I'm not complaining, mind you.  I suppose the nature of this blog doesn't really lend itself to meaningful and intelligent dialog.  Since I am frequently ranting about fairly large groups of people and the retarded things they do I guess I cannot expect you to respond when there's a fair chance that I am actually talking about you (yeah, you!).

Just for fun, however, a while back I enabled moderated commenting on the site in case someone wanted to provide a lucid counter-argument to any of the points that I had made.  In the months that followed, I received a few legitimate comments but they were buried under a mountain of spam.  The comments are all moderated, and I don't approve many of them, but I have kept several of the ones that struck me as particularly funny.  Here is a sample of just a few of my favorite comments about the Bacon-Wrapped Blog entry:

"Your blog is so informative ... ..I just bookmarked you....keep up the good work!!!!"
-Terry Brooks
Aww, thanks Terry.  Coming from an award-winning author of books and screenplays, I am flattered.  It's great to see that we share a keen interest in baconology.  If you need a hand with the next Shannara book, let me know.  We can do lunch.

"There is obviously a lot to know about this. I think you made some good points in Features also."
-viagra
For a little blue pill, you really seem to appreciate smoked meats.  Thanks Viagra!  Just for you, I think I'll add a "Features" section, and make some good points in it.

"Why hello associated forum people!

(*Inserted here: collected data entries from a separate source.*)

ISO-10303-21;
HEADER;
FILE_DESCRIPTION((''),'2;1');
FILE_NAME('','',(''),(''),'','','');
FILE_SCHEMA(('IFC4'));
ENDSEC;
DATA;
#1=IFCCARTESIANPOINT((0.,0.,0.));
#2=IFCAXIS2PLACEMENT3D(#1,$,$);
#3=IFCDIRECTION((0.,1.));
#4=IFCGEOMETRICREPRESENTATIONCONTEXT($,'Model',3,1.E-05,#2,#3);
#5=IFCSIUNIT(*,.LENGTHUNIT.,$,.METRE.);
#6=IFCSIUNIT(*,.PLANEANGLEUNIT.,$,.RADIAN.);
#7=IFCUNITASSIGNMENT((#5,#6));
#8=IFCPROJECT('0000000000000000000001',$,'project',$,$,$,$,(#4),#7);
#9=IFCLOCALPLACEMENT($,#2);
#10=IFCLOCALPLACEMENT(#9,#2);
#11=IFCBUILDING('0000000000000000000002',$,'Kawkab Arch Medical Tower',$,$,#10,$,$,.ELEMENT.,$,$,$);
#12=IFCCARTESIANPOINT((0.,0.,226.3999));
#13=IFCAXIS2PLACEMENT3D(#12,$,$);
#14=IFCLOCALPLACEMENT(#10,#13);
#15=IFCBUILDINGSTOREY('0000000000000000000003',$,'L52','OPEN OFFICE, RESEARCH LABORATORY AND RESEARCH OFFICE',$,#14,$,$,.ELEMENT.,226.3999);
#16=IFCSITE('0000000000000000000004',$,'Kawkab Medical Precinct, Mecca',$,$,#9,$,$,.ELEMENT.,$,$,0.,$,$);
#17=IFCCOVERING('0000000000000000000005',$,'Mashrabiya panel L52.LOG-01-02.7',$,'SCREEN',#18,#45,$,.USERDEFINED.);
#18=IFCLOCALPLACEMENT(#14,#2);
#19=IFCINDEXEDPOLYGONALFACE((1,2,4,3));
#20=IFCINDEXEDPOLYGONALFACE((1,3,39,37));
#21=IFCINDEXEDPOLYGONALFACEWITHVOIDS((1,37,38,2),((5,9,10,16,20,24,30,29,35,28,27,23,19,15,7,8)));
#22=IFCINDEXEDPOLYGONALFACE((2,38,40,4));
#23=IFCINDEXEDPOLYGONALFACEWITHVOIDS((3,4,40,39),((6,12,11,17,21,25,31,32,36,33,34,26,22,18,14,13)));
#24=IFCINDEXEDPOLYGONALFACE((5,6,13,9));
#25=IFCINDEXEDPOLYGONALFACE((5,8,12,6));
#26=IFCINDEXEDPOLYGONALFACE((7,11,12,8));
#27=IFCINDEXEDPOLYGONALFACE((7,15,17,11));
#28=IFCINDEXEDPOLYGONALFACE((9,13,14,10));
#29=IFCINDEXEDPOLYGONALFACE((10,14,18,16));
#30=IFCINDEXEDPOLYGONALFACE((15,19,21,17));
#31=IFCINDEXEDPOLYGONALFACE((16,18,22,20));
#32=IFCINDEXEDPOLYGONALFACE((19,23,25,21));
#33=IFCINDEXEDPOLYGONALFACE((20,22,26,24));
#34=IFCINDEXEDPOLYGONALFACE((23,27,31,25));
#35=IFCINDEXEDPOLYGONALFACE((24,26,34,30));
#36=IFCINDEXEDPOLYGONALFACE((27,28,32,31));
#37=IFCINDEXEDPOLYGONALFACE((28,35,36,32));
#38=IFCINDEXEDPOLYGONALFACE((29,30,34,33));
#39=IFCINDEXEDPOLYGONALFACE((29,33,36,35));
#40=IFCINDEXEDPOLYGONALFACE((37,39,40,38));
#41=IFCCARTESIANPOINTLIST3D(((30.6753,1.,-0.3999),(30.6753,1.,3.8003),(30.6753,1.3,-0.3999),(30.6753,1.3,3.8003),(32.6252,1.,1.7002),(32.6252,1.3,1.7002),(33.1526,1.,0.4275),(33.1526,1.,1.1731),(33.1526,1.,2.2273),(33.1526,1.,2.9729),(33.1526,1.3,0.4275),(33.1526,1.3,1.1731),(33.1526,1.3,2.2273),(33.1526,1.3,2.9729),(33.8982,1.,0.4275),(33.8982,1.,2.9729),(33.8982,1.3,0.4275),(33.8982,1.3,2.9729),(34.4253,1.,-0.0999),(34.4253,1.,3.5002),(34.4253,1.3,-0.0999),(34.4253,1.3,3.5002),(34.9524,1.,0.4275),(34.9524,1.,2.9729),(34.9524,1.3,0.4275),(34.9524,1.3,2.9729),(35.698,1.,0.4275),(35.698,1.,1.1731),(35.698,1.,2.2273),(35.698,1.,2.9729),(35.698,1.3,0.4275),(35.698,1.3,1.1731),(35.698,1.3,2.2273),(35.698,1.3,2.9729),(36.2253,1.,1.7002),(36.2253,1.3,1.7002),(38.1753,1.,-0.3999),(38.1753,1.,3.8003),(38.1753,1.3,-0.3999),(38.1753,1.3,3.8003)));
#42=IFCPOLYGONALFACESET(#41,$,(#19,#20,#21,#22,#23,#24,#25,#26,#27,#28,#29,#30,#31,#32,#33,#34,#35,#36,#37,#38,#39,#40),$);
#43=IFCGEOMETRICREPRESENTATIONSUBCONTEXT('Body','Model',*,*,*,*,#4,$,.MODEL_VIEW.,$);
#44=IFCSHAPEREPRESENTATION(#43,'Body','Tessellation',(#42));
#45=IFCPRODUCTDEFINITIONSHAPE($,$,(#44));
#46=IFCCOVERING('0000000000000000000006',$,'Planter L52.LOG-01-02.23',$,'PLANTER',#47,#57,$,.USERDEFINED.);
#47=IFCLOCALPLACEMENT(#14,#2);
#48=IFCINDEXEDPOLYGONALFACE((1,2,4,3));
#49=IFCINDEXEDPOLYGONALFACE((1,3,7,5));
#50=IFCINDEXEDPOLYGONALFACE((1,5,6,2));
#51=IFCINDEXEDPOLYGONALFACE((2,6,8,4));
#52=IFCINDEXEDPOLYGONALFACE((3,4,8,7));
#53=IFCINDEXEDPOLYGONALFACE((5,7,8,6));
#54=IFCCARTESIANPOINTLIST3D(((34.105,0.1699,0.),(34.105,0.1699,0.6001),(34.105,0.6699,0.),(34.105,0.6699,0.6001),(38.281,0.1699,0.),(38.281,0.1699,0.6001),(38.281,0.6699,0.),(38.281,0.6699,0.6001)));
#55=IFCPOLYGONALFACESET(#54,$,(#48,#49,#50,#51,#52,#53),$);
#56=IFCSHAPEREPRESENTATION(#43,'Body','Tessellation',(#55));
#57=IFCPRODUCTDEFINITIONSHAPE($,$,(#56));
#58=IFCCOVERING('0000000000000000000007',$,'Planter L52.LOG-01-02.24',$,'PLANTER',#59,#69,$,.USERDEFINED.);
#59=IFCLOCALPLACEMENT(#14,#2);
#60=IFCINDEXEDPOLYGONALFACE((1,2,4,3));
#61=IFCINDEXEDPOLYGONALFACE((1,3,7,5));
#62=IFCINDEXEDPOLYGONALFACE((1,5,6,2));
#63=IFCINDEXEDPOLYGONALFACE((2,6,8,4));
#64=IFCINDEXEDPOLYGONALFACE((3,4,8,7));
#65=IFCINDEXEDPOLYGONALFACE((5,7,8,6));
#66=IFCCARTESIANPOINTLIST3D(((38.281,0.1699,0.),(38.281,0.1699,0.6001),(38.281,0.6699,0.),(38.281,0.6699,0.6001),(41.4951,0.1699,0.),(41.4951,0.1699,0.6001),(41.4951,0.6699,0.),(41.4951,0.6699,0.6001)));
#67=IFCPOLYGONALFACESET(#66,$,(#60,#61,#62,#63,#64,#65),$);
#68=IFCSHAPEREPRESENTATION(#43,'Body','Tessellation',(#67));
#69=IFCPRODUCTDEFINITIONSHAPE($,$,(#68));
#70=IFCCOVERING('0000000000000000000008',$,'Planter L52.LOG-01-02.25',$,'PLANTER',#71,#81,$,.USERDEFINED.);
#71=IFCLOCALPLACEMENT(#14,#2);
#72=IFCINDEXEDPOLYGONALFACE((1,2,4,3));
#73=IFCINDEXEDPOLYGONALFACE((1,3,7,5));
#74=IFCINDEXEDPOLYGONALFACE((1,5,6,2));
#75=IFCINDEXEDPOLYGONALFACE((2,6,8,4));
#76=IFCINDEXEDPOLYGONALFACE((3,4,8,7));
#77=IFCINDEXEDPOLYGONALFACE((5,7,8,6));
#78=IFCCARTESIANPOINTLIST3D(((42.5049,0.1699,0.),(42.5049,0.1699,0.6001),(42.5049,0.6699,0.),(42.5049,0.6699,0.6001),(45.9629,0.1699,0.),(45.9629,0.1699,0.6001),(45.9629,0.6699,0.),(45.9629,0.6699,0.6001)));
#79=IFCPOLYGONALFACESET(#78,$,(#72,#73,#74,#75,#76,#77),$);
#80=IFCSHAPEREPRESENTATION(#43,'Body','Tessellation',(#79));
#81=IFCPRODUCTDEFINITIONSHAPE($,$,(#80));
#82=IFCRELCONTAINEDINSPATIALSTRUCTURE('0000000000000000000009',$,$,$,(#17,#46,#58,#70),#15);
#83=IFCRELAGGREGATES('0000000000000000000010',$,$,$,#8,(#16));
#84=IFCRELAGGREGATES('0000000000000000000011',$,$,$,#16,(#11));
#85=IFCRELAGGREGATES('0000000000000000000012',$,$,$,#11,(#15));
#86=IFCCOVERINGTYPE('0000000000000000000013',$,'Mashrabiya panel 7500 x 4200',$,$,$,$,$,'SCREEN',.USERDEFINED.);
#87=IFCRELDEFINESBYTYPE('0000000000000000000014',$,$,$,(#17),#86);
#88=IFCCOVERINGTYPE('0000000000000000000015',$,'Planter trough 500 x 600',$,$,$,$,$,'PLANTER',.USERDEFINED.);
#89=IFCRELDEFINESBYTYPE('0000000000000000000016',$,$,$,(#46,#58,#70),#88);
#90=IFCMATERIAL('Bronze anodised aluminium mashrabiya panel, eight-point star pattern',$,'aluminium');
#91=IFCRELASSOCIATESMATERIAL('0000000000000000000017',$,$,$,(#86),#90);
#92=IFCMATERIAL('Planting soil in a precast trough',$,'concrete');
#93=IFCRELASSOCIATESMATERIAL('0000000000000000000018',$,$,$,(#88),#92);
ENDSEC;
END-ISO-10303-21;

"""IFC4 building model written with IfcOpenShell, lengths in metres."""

from ifc_helpers import new_model, si_unit, direction, frame, origin, origin_2d, place, context, subcontext, project, spatial, polyline, rectangle, outline, extrude, material, material_profile, profile_set, type_object, element, save


model = new_model("IFC4")

# Units and contexts
model_context = context("Model", 3, precision=1e-05, world=origin(), true_north=direction((0.0, 1.0)))
body_context = subcontext(model_context, "Body", "Model", "MODEL_VIEW")
ifc_project = project(units=[si_unit("LENGTHUNIT", "METRE"), si_unit("PLANEANGLEUNIT", "RADIAN")], contexts=[model_context])

# Site, building, storey
site_placement = place(None, origin())
site = spatial("IfcSite", under=ifc_project, at=site_placement, Name="Kawkab Medical Precinct, Mecca", CompositionType="ELEMENT", RefElevation=0.0)
building_placement = place(site_placement, origin())
building = spatial("IfcBuilding", under=site, at=building_placement, Name="Kawkab Arch Medical Tower", CompositionType="ELEMENT")
storey_placement = place(building_placement, frame((0.0, 0.0, 226.3999)))
storey = spatial("IfcBuildingStorey", under=building, at=storey_placement, Name="L52", Description="OPEN OFFICE, RESEARCH LABORATORY AND RESEARCH OFFICE", CompositionType="ELEMENT", Elevation=226.3999)

# Coverings
ifc_material_1 = material(Name="Bronze anodised aluminium mashrabiya panel, eight-point star pattern", Category="aluminium")
ifc_material_profile_1 = material_profile(ifc_material_1, outline(polyline([(-3.75, -2.1001), (3.75, -2.1001), (3.75, 2.1001), (-3.75, 2.1001), (-3.75, -2.1001)]), holes=[polyline([(1.8, 0.0), (1.2727, 0.5271), (1.2727, 1.2727), (0.5271, 1.2727), (0.0, 1.8), (-0.5271, 1.2727), (-1.2727, 1.2727), (-1.2727, 0.5271), (-1.8, 0.0), (-1.2727, -0.5271), (-1.2727, -1.2727), (-0.5271, -1.2727), (0.0, -1.8), (0.5271, -1.2727), (1.2727, -1.2727), (1.2727, -0.5271), (1.8, 0.0)])]), Name="Mashrabiya panel 7500x4200")
ifc_profile_set_1 = profile_set([ifc_material_profile_1], Name="Bronze anodised aluminium mashrabiya panel, eight-point star pattern")
covering_type_1 = type_object("IfcCoveringType", Name="Mashrabiya panel 7500 x 4200", ElementType="SCREEN", PredefinedType="USERDEFINED", material=ifc_profile_set_1)
covering_1_placement = place(storey_placement, frame((34.4253, 1.0, 1.7002), z_axis=(0.0, 1.0, 0.0), x_axis=(-1.0, 0.0, 0.0)))
element("IfcCovering", 1, at=covering_1_placement, inside=storey, type_object=covering_type_1, Name="Mashrabiya panel L52.LOG-01-02.7", ObjectType="SCREEN", PredefinedType="USERDEFINED", context=body_context, shape_type="SweptSolid", body=[
    extrude(outline(polyline([(-3.75, -2.1001), (3.75, -2.1001), (3.75, 2.1001), (-3.75, 2.1001), (-3.75, -2.1001)]), holes=[polyline([(1.8, 0.0), (1.2727, 0.5271), (1.2727, 1.2727), (0.5271, 1.2727), (0.0, 1.8), (-0.5271, 1.2727), (-1.2727, 1.2727), (-1.2727, 0.5271), (-1.8, 0.0), (-1.2727, -0.5271), (-1.2727, -1.2727), (-0.5271, -1.2727), (0.0, -1.8), (0.5271, -1.2727), (1.2727, -1.2727), (1.2727, -0.5271), (1.8, 0.0)])]), origin(), (0.0, 0.0, 1.0), 0.3),
])
ifc_material_2 = material(Name="Planting soil in a precast trough", Category="concrete")
ifc_material_profile_2 = material_profile(ifc_material_2, rectangle(XDim=0.5, YDim=0.6001, at=origin_2d()), Name="Trough 500x600")
ifc_profile_set_2 = profile_set([ifc_material_profile_2], Name="Planting soil in a precast trough")
covering_type_2 = type_object("IfcCoveringType", Name="Planter trough 500 x 600", ElementType="PLANTER", PredefinedType="USERDEFINED", material=ifc_profile_set_2)
covering_2_placement = place(storey_placement, frame((34.105, 0.4199, 0.3), z_axis=(1.0, 0.0, 0.0), x_axis=(0.0, 1.0, 0.0)))
element("IfcCovering", 2, at=covering_2_placement, inside=storey, type_object=covering_type_2, Name="Planter L52.LOG-01-02.23", ObjectType="PLANTER", PredefinedType="USERDEFINED", context=body_context, shape_type="SweptSolid", body=[
    extrude(rectangle(XDim=0.5, YDim=0.6001, at=origin_2d()), origin(), (0.0, 0.0, 1.0), 4.176),
])
covering_3_placement = place(storey_placement, frame((38.281, 0.4199, 0.3), z_axis=(1.0, 0.0, 0.0), x_axis=(0.0, 1.0, 0.0)))
element("IfcCovering", 3, at=covering_3_placement, inside=storey, type_object=covering_type_2, Name="Planter L52.LOG-01-02.24", ObjectType="PLANTER", PredefinedType="USERDEFINED", context=body_context, shape_type="SweptSolid", body=[
    extrude(rectangle(XDim=0.5, YDim=0.6001, at=origin_2d()), origin(), (0.0, 0.0, 1.0), 3.2141),
])
covering_4_placement = place(storey_placement, frame((42.5049, 0.4199, 0.3), z_axis=(1.0, 0.0, 0.0), x_axis=(0.0, 1.0, 0.0)))
element("IfcCovering", 4, at=covering_4_placement, inside=storey, type_object=covering_type_2, Name="Planter L52.LOG-01-02.25", ObjectType="PLANTER", PredefinedType="USERDEFINED", context=body_context, shape_type="SweptSolid", body=[
    extrude(rectangle(XDim=0.5, YDim=0.6001, at=origin_2d()), origin(), (0.0, 0.0, 1.0), 3.458),
])

save(model, "model.ifc")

I well-grounded wanted to introduce myself here as this looks like a dialect right interesting forum! I myself am engrossing in things like writeing and computer revamping so if anyoune needs facilitate reveal me differentiate! I also Suffer from Sciatica so if you aslo fool this infection let me skilled in so we can share some stretches!"
-undulkylype
I am honored to have my humble blog graced with the presence of the translator for Zero Wing.  I am truly not worthy!  Thanks!  Oh and I don't currently "needs facilitate" anything, but when I do you will be the first one I contact to "reveal [you] differentiate".  Promise.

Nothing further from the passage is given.